Analizzando la storia con le chiavi interpretative della filosofia, si comprende bene come, con questo clamoroso fallimento, è venuta meno la legittimità politica di alcuni, mentre si è sempre più affermata quella condizione che Judith Butler chiama “dei senza Stato”. Un’analisi complessa – questa – che ha trovato eco fra i dibattiti filosofici romani. Ahmad Barqawi, riprendendo la sua ultima intervista, ha precisato: «Coloro che assassinano la verità sanno che è la verità, ma la negano, la distorcono o ne fabbricano una contraddittoria e inesistente. L’aspetto più pericoloso di questo assassinio della verità è che consente il genocidio e tutti gli altri crimini commessi in Palestina, come in altre zone del mondo». L’erosione della biopolitica va dunque a sovrapporsi all’assassinio della verità. “Penso dunque sono” si rivela, nell’orizzonte cieco della mancanza di diritto, una mero slogan, un’illusione: non basta più il pensiero per esserci.
Parlando poi con Muhammand Ali Khalidi si aggiunge un altro tassello a questo racconto della contemporaneità.
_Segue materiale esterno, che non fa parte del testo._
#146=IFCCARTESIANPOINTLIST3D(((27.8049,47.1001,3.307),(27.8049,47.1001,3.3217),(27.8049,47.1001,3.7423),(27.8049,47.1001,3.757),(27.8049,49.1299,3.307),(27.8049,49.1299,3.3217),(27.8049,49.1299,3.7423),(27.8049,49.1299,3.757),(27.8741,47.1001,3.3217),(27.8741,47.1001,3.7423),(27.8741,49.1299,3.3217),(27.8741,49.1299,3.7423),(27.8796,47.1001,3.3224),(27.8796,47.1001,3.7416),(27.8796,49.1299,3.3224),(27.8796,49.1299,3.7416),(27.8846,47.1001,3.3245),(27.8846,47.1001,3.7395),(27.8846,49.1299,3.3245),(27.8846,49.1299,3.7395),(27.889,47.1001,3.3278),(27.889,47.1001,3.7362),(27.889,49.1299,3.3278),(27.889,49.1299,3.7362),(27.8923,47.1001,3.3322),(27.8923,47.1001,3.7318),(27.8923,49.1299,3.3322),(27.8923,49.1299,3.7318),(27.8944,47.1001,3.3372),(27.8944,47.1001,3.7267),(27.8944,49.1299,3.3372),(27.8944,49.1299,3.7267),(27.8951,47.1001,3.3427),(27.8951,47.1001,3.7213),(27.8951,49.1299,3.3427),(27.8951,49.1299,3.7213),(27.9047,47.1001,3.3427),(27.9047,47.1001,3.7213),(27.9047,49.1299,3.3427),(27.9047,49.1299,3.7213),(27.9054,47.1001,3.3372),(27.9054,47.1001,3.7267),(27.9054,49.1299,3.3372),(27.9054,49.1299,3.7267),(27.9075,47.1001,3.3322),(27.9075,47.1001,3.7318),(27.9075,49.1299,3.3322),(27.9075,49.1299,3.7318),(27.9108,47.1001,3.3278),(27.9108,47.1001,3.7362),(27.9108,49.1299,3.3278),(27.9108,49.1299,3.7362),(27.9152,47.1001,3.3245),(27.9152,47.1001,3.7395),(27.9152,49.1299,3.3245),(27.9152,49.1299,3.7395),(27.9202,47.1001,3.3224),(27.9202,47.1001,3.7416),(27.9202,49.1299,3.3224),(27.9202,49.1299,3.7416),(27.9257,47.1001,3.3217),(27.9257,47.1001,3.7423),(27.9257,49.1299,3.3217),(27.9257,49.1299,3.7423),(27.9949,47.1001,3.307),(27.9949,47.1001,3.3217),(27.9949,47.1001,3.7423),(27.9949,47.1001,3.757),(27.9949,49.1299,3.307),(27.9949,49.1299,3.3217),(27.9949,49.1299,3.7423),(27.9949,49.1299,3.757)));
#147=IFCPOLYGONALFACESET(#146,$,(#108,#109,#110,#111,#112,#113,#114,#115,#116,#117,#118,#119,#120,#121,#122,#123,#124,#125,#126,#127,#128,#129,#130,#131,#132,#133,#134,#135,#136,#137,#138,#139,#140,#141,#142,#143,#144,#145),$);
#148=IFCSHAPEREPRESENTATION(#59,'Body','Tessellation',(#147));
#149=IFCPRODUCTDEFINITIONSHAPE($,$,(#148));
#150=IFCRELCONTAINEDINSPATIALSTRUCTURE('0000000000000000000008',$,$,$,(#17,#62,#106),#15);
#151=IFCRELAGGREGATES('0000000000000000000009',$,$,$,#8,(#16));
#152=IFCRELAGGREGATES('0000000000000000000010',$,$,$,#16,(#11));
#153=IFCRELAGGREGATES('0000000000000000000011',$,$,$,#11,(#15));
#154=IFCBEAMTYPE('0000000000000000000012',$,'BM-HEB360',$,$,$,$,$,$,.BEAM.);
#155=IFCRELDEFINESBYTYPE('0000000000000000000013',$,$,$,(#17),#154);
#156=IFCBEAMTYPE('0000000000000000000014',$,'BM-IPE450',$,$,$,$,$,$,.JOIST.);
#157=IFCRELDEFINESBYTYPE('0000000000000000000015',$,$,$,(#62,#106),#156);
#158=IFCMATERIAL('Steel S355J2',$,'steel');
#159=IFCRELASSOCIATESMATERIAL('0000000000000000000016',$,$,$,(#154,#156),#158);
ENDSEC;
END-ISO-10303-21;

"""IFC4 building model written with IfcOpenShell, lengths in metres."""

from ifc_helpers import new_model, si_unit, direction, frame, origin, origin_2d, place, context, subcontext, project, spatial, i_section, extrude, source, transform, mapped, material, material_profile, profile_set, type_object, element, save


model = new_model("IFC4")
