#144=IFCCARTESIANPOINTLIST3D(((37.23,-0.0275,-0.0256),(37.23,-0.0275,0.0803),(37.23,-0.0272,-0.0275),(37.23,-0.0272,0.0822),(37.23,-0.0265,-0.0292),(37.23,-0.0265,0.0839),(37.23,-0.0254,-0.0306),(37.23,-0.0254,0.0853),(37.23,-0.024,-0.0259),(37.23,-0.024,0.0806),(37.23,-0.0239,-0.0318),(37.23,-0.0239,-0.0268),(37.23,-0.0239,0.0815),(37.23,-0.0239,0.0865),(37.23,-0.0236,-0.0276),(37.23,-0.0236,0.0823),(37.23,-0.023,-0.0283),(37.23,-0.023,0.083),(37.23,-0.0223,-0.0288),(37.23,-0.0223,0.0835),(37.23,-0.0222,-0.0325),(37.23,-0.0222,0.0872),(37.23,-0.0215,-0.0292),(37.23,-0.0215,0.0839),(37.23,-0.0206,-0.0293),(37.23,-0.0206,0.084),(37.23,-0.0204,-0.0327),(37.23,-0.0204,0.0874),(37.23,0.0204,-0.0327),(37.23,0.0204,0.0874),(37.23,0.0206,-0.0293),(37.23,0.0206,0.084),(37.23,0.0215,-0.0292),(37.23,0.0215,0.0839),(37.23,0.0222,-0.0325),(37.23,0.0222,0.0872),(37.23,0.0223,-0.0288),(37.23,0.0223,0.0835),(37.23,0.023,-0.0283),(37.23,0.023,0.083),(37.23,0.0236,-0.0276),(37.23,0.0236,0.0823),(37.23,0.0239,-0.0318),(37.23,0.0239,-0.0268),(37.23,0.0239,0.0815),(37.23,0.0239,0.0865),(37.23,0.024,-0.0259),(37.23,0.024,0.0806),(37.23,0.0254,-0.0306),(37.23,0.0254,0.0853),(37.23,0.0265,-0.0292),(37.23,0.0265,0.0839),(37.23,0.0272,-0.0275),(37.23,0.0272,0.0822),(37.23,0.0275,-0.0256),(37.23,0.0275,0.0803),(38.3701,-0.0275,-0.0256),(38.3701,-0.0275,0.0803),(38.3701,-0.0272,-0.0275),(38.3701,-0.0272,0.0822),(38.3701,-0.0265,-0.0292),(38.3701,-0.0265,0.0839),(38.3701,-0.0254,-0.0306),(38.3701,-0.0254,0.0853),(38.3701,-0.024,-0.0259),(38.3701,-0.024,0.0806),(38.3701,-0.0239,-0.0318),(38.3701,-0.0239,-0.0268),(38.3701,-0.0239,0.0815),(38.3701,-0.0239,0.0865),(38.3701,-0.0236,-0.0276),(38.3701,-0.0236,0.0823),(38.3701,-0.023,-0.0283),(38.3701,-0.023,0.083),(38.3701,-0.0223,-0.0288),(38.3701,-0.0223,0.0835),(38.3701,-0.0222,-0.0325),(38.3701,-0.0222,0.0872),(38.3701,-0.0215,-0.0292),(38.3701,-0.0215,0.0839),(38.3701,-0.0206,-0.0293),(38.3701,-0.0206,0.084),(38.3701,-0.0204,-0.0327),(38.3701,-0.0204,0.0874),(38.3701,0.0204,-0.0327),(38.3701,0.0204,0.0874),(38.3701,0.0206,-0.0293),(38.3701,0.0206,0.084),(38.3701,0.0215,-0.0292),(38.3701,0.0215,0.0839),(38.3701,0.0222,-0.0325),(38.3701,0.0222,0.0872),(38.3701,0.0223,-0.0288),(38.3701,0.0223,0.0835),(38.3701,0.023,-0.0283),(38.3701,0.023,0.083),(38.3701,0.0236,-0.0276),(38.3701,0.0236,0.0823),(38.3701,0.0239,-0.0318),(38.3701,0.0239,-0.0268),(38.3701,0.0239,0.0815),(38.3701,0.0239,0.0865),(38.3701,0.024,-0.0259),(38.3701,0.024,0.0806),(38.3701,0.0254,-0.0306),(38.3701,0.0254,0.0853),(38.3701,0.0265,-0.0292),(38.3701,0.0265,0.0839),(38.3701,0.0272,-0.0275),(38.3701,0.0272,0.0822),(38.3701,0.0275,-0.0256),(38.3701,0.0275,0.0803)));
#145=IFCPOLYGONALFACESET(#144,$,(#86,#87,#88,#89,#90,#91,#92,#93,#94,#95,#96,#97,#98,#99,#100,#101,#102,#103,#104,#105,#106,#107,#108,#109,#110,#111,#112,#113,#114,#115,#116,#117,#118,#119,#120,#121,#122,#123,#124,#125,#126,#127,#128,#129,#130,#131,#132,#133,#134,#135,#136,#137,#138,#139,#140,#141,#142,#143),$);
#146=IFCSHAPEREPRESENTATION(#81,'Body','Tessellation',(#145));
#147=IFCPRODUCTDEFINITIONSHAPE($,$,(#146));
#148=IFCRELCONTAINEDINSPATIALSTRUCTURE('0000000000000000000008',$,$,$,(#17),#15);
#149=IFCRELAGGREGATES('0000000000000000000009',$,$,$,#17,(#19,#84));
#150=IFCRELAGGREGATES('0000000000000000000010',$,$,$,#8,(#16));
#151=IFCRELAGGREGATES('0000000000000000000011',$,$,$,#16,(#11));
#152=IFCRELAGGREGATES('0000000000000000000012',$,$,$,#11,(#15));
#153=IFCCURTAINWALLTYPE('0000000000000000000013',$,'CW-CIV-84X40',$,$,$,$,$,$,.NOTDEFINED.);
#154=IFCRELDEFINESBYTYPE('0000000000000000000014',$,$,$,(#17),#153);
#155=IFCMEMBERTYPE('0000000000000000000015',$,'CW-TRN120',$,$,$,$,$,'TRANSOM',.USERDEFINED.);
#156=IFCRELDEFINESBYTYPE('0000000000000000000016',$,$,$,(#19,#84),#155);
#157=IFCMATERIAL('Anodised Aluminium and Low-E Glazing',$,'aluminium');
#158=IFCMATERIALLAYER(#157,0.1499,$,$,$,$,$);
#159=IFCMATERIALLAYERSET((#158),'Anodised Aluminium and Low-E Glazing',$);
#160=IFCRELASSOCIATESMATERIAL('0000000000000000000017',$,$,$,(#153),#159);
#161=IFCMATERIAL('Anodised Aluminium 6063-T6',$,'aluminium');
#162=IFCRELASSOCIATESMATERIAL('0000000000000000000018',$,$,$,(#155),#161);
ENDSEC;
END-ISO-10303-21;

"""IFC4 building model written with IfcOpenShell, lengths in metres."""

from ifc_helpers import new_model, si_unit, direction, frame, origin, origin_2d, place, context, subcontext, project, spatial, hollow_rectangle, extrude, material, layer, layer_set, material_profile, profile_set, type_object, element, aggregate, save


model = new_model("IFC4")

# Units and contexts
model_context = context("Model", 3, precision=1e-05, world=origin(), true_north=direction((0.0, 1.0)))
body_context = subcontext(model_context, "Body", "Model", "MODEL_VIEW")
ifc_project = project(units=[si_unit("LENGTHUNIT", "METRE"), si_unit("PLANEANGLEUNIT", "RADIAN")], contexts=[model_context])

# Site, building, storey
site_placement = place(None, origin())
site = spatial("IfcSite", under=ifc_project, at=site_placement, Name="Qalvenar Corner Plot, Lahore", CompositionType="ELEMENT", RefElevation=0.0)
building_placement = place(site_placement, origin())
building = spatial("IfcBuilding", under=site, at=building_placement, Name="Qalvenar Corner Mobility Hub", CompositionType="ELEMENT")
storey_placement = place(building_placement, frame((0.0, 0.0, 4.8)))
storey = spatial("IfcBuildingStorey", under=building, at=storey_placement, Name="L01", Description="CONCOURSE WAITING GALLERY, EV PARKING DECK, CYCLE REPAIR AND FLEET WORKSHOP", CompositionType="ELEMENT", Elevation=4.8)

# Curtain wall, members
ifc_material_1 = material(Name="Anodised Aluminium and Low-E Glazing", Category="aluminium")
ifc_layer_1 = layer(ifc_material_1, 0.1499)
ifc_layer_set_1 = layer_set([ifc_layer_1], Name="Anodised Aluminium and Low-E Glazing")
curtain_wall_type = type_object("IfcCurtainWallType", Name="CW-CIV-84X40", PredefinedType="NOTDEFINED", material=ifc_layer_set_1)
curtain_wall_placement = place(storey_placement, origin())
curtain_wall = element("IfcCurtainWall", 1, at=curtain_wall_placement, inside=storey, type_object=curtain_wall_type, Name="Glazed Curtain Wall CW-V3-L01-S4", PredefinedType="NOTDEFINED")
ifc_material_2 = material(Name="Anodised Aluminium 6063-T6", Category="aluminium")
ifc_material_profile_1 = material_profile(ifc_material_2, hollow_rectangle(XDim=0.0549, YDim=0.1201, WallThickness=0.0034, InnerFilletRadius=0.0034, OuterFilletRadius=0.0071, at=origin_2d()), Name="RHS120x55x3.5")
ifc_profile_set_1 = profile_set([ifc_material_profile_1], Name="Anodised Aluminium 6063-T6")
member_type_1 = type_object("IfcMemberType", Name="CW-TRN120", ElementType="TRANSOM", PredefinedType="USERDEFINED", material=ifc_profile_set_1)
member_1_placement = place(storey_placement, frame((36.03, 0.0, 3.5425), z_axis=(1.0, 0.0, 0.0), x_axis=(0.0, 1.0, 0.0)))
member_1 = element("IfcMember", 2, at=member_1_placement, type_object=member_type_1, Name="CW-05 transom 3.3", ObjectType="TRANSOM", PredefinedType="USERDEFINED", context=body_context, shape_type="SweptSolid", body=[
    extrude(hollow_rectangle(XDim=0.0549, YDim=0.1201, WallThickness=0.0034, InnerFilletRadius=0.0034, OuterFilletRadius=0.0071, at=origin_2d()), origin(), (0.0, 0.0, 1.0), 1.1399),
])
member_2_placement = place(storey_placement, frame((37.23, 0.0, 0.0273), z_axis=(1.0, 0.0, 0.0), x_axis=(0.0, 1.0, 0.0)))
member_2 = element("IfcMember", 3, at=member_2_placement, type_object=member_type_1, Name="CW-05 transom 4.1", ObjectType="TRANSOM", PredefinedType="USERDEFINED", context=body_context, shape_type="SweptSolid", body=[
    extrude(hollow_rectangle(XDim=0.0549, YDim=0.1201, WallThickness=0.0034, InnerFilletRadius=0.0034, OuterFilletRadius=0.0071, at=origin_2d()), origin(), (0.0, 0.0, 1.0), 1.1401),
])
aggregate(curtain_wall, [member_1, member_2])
Il filosofo ricorda che, a partire dal secondo giorno dell’ultimo attacco di guerra di Israele a Gaza, ovvero domenica 8 ottobre 2023, l’Istituto per gli studi sulla Palestina ha deciso di lavorare 24 ore su 24 per documentare la guerra genocida contro il popolo palestinese e registrarne l’impatto sulla questione palestinese, in particolare e sul tema arabo-israeliano in generale. Durante il primo mese di guerra, l’Istituto ha pubblicato una serie di documenti che trattano di storia, politica, questioni strategiche, diritto internazionale, economia, società… In considerazione dell’importanza di questi documenti politici, sia come ricerca accademica, sia per il loro valore documentario che per la loro copertura completa di diversi aspetti della guerra attuale, l’Istituto ha deciso di raccoglierli, poi, in un unico volume, destinato a diventare, al momento, un’opera di riferimento essenziale.
Il professore Khalidi, analizzando lo spazio biopolitico del suo popolo, ha messo in evidenza una novità fattuale, che diventa anche una novità interpretativa: «In questo quadro generale della situazione in Palestina, Internet è stato un importante punto di collegamento tra il vecchio e il nuovo. Un cambiamento culturale è iniziato tra la fine degli anni ‘90 e la metà degli anni 2000, caratterizzato da una maggiore apertura occidentale alle prospettive palestinesi, e che questo cambiamento culturale è stato probabilmente facilitato dall’avvento di Internet e dalla conseguente disponibilità di una gamma più ampia di informazioni. Per quanto riguarda il momento attuale, i social media potrebbero ora svolgere lo stesso ruolo che l’avvento di Internet ha svolto in precedenza: portare una gamma ancora più ampia di prospettive, ora includendo immagini, video e narrazioni personali, nella consapevolezza occidentale senza precedenti, fornendo una fonte di informazioni che il resto del mondo cerca di non vedere».